2.4   Fazit: Empfehlungen für Strukturelemente guter Wissenschaft

Die vorgestellte wissenschaftsphilosophische Sicht zusammenfassend, können drei Empfehlungen für eine gute Wissenschaft formuliert werden:

1. Jede Wissenschaft und jeder Forschende muss sich über den relativen Status und Gültigkeitsbereich der eigenen Aussagen bewusst sein, insbesondere auch über deren gestaltende Wirkung durch Konstruktion und Deutung der Welt sowie die daraus erwachsende Verantwortung.

2. Wissenschaft und Technik müssen gemeinsam und parallel als ein zielbezogenes Handlungskonzept reflektiert werden, also nicht sequenziell zuerst im Rahmen einer Ethik des Forschungsprozesses und nachfolgend als Technikfolgenabschätzung.

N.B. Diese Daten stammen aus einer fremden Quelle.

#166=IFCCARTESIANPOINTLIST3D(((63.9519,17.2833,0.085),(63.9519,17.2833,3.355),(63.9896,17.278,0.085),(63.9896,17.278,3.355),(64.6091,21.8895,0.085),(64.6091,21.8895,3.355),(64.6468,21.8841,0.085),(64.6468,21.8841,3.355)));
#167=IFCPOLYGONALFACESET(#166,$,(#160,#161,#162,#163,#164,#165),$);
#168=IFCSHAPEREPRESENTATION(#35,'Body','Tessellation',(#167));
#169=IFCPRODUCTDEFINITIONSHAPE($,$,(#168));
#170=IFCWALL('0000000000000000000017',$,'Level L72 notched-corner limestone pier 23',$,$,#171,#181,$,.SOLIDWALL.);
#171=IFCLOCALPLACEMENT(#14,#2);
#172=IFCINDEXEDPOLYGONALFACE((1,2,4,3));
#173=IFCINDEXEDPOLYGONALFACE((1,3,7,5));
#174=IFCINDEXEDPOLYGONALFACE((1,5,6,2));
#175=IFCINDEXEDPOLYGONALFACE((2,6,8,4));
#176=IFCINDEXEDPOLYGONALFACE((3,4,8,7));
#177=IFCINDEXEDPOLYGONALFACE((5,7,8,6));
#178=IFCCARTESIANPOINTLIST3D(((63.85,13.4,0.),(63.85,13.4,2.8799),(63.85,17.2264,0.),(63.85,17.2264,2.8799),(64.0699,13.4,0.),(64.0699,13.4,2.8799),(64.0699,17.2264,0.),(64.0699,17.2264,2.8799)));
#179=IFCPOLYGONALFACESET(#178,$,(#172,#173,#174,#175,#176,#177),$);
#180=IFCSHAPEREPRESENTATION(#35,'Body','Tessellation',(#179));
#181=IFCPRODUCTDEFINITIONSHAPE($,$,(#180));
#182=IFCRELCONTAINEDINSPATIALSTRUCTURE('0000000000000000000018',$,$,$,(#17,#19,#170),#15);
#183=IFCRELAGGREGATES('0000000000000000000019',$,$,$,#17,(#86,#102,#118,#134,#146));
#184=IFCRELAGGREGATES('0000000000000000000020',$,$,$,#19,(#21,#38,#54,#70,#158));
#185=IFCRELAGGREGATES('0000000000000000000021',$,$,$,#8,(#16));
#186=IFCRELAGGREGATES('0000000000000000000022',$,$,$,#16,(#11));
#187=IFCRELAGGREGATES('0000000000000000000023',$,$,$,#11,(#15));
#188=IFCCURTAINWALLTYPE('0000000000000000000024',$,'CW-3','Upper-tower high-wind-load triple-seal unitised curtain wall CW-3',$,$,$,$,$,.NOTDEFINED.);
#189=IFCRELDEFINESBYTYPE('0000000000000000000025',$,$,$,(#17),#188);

3. Ein Methodenpluralismus sowie inter- und transdisziplinäre Forschungsprozesse und Diskursformen über Wissensbestände und -gültigkeiten müssen als erkenntnis­theoretisch notwendige Strukturelemente der Wissenschaft anerkannt und ausgebaut werden, um eine gesellschaftlich legitimierte Entscheidungsfindung in einer Welt der Komplexität und Unsicherheit zu ermöglichen.